You are currently viewing The Ultimate Bushel Basket

The Ultimate Bushel Basket

Believers are called to proclaim the gospel. The good news of what God accomplished through the work of His Son and is even now applying through the ongoing work of the Spirit is too good to be hidden under a bushel basket. Silence is not an option.
This good news that we are called to proclaim is universal in its scope. The gospel is God’s plan to deal, not only with the consequences of human sin for their individual eternal destinies but also with the impact of that sin on all of creation. The focal point of our proclamation must always be the need of every sinner to repent of their rebellion against their Creator and to put all their faith and trust in the finished work of Christ on the cross, we can and must apply the good news of Christ’s Lordship to every area of life, from geology to watercolors. He is Lord of all.
Those who reject that Lordship not only reject the salvation He offers their persons—they also often despise the redemption He offers their vocations. If you attempt, for instance, to apply the Lordship of Christ to organic chemistry, your unbelieving fellow scientists are unlikely to welcome that application. The unbelieving world is not going to celebrate the light of Jesus in any area so long as their hearts remain dark. Jesus made it quite clear that the reaction of darkness to light will always go farther than simple rejection. Darkness despises the light. It seeks to put it out.

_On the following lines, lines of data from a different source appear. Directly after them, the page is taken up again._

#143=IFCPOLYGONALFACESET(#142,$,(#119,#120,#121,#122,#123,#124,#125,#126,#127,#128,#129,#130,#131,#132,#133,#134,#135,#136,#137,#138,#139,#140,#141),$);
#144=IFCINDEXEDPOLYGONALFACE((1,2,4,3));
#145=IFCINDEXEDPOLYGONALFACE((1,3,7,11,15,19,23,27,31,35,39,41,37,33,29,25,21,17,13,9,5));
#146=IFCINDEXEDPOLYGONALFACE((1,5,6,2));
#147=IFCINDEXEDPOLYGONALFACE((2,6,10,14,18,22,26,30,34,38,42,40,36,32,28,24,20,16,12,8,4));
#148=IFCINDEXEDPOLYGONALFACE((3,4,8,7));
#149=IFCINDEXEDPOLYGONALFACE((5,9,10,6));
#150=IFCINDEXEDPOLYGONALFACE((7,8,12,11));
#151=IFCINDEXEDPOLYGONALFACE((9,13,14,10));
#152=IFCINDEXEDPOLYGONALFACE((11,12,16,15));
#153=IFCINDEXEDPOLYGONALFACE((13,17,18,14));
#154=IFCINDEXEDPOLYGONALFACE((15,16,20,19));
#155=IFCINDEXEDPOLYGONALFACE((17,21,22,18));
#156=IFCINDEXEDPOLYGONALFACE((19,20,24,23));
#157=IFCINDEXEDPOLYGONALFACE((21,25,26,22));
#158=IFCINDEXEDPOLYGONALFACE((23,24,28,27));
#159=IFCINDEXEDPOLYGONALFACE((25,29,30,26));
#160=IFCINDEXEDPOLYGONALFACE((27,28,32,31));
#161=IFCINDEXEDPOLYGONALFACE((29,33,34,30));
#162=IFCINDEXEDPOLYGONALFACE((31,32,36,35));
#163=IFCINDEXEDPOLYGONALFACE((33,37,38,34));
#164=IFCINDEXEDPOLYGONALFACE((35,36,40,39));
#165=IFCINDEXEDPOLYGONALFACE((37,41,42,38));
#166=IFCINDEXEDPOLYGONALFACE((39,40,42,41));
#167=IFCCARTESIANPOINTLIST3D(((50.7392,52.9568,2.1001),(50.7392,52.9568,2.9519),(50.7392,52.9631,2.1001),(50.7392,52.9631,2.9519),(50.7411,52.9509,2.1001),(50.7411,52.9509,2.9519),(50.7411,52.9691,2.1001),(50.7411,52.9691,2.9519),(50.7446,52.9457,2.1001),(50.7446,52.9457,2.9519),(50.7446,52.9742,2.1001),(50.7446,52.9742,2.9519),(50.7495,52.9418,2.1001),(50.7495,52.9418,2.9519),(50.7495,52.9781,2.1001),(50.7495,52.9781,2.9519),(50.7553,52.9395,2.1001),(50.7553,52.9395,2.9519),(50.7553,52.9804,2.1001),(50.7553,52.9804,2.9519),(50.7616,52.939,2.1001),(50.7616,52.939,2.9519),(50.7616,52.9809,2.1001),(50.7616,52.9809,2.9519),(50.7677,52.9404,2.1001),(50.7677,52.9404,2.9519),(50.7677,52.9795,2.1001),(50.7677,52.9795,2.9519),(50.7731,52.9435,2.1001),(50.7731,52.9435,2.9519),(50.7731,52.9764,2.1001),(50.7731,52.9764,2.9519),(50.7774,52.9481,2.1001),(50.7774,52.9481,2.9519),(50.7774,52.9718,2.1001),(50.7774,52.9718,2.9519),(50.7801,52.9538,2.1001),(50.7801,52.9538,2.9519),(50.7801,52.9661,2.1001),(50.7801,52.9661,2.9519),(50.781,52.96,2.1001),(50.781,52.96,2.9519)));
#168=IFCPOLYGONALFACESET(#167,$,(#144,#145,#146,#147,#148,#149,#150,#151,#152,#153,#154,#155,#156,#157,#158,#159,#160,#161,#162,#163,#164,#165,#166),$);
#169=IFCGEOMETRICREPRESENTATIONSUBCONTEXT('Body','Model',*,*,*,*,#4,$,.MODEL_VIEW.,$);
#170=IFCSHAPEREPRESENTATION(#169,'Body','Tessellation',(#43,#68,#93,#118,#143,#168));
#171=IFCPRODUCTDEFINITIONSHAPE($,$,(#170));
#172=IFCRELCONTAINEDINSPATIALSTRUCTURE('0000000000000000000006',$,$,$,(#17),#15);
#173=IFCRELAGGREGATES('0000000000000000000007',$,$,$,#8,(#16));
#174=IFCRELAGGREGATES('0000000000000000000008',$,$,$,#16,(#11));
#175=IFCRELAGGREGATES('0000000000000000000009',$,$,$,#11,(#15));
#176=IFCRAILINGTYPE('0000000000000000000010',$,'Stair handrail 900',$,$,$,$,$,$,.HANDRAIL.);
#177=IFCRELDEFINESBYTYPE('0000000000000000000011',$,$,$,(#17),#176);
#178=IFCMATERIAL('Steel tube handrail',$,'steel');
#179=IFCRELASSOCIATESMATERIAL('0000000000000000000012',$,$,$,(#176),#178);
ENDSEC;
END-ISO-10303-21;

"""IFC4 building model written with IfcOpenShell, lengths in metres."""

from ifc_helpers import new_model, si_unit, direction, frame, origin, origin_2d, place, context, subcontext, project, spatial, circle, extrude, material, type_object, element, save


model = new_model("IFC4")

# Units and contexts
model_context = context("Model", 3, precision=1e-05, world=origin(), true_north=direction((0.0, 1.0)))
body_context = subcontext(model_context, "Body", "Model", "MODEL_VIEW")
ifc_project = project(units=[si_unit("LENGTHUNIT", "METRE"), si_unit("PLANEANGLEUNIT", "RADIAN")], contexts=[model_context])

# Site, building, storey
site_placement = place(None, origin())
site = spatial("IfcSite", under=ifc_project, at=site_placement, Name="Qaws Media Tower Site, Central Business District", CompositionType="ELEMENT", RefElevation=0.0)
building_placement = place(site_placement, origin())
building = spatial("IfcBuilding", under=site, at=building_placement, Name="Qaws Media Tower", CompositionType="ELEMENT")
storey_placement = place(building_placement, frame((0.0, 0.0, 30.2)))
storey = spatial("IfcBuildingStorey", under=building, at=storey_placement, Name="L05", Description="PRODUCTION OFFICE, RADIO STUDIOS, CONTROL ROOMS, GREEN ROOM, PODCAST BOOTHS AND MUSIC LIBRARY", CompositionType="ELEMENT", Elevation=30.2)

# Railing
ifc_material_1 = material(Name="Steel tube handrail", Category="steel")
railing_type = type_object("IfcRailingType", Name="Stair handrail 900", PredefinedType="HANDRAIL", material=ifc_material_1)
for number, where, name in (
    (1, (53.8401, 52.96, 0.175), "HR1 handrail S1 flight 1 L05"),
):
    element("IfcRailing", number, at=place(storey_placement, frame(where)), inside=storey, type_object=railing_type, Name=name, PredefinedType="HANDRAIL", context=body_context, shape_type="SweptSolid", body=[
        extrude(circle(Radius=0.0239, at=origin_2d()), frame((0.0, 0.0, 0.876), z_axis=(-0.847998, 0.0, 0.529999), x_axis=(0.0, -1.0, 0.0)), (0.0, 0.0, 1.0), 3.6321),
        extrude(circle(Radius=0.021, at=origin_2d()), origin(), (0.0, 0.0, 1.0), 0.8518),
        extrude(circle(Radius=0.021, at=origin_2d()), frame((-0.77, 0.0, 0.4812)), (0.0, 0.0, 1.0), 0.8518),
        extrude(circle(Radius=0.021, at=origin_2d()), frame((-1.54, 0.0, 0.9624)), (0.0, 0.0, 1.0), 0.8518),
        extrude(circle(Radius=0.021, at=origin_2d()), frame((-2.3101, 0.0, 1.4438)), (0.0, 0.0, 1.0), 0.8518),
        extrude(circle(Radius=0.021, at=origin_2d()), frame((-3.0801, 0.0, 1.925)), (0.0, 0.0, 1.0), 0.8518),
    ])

Faithfully proclaiming the good news of the gospel will provoke a reaction. You will be, if you keep at it long enough, slandered. You will be lied about. Your proclamation of the Lordship of Christ will eventually come to be mocked in every area that you are given the grace to declare it. You will long for vindication. If you have done the hard work to master a particular field, it will be agonizing to have that mastery spurned because you will not hide your light.
When that happens, you will be tempted to respond in two opposite, yet equally wrong ways. On the one hand, you will be tempted to tone down your witness. Even while still believing that Christ is the only hope for salvation and the Lord of every vocation, you will find it all too easy to keep those truths to yourself, to silence your proclamation. On the other hand, you will be tempted to shift your focus from proclamation to vindication. Far from remaining silent, you may become increasingly vocal—but the message will no longer be the same. Rather than seeking to see, ever more clearly, the ways in which the Lordship of Christ ought to transform your vocation, you will seek to prove, ever more vociferously, the folly of those who rejected you.

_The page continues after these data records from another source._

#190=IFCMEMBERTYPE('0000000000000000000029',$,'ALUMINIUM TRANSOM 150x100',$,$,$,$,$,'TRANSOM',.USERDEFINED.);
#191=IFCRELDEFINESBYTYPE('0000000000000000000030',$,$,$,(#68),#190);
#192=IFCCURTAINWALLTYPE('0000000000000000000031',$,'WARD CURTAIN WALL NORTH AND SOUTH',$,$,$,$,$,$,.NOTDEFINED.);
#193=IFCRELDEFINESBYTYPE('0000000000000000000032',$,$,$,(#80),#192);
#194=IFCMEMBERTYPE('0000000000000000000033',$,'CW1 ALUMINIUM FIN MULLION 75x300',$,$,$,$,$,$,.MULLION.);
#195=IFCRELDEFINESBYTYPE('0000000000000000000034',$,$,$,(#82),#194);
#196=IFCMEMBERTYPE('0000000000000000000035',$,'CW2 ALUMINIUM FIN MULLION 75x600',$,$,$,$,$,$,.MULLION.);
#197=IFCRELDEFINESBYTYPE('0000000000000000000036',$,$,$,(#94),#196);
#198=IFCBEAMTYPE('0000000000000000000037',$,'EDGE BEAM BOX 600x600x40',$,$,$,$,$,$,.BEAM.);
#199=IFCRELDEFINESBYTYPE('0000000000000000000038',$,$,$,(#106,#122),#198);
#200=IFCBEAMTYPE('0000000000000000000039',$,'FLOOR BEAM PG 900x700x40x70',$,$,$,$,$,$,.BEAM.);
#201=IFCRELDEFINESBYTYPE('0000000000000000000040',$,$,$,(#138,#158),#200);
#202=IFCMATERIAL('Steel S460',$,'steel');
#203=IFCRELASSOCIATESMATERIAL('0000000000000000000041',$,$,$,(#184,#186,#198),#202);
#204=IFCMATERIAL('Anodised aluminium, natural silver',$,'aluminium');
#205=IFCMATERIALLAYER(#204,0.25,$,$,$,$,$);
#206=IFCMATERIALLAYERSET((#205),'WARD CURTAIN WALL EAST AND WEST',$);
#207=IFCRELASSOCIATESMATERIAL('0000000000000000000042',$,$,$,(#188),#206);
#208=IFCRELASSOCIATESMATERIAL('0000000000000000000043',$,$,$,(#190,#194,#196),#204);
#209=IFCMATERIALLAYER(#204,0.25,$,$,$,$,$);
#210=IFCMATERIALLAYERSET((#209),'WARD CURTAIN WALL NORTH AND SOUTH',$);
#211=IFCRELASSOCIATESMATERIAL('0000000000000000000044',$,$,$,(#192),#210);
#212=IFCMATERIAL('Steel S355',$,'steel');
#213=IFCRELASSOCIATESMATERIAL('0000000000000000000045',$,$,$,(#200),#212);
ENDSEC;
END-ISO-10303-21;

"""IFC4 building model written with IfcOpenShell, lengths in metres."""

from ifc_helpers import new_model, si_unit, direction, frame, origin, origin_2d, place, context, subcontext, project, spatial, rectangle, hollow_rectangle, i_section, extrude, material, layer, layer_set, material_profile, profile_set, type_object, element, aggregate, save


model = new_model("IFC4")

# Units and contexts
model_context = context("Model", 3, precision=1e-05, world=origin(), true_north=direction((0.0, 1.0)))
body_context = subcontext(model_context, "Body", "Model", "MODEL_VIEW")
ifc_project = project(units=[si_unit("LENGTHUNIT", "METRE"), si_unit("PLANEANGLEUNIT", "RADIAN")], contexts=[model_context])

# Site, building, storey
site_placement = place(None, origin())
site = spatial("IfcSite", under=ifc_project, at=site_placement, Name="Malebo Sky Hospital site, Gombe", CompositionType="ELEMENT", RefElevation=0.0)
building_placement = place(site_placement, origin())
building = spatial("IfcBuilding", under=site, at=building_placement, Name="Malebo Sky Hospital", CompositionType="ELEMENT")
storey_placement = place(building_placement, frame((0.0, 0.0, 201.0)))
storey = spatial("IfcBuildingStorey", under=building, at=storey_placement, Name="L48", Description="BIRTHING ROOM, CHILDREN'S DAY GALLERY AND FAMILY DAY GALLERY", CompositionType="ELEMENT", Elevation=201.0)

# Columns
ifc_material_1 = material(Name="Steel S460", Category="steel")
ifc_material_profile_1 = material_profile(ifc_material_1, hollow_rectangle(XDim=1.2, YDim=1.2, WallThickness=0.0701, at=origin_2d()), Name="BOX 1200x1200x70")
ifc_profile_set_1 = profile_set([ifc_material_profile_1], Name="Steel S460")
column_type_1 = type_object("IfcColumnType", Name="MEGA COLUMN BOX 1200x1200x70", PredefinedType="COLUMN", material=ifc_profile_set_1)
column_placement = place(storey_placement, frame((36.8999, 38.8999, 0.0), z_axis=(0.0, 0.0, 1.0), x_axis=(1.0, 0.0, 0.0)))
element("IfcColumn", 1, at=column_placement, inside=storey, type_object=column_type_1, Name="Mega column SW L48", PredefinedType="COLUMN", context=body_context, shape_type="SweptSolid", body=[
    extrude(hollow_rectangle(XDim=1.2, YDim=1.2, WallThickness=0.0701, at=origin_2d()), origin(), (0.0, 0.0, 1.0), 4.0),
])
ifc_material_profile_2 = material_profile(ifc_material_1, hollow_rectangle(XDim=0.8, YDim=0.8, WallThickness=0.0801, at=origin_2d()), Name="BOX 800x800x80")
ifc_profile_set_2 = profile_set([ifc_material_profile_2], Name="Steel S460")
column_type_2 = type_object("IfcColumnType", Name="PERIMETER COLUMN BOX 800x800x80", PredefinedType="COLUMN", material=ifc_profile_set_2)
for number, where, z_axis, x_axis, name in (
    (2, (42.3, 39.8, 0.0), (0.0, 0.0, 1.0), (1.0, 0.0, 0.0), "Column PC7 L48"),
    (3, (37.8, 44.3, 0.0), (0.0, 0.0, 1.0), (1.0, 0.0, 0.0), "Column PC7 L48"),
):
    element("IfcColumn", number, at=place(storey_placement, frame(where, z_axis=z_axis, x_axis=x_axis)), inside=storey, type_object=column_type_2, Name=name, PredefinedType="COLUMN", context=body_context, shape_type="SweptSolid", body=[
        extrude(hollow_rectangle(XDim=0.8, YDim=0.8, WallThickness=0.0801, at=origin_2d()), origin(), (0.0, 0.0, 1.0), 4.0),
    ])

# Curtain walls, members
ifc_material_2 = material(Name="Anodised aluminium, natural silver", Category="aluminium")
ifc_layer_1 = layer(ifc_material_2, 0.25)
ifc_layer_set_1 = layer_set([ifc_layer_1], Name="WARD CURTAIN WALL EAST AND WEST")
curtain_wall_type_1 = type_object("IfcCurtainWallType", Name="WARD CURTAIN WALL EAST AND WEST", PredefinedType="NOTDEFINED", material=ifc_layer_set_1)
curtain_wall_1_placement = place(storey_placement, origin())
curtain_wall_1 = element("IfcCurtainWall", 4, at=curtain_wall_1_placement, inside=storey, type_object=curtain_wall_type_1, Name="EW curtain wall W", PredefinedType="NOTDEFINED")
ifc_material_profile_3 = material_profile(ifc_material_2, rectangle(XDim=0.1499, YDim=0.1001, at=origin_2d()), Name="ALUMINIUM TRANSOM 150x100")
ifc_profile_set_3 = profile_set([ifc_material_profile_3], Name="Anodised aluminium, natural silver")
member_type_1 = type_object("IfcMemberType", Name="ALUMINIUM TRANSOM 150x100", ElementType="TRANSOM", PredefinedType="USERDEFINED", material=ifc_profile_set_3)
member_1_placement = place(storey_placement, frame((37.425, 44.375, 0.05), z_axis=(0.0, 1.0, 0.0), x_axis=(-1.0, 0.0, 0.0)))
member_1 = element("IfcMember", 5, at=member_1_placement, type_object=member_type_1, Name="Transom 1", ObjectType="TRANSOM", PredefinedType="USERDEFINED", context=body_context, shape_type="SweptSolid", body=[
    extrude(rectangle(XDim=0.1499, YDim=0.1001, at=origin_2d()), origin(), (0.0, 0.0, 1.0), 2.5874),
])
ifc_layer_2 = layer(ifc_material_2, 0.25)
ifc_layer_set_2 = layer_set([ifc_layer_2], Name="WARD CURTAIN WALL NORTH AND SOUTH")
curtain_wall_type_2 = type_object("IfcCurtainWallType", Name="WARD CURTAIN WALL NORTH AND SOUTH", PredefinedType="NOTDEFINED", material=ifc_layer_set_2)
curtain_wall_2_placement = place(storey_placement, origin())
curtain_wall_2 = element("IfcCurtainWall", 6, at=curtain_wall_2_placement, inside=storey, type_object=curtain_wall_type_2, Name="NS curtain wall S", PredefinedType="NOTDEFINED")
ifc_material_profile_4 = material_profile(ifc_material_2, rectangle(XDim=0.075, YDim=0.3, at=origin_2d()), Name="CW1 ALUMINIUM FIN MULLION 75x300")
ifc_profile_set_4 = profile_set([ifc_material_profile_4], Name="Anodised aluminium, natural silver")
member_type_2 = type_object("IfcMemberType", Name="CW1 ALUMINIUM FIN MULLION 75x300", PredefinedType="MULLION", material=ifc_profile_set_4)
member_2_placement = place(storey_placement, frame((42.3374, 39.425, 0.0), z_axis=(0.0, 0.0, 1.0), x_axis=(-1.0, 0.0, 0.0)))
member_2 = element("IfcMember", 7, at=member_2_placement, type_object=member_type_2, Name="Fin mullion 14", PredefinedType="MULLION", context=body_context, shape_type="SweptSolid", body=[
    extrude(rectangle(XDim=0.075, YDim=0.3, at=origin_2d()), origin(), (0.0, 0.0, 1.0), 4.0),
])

Both temptations are deadly. We are called to proclamation, not vindication. We do not need to vindicate ourselves. We, if we are “in Christ,” have already been vindicated by the resurrection of our Savior—and on the last day that vindication will be seen by all. To respond to rejection as though that day was not worth waiting for is to undermine the very message we are attempting to proclaim. It isn’t worth it. Though self-defense is not always wrong, it must never become our focus. The quest for vindication is, all too often, the ultimate bushel basket. Don’t let it hide your light.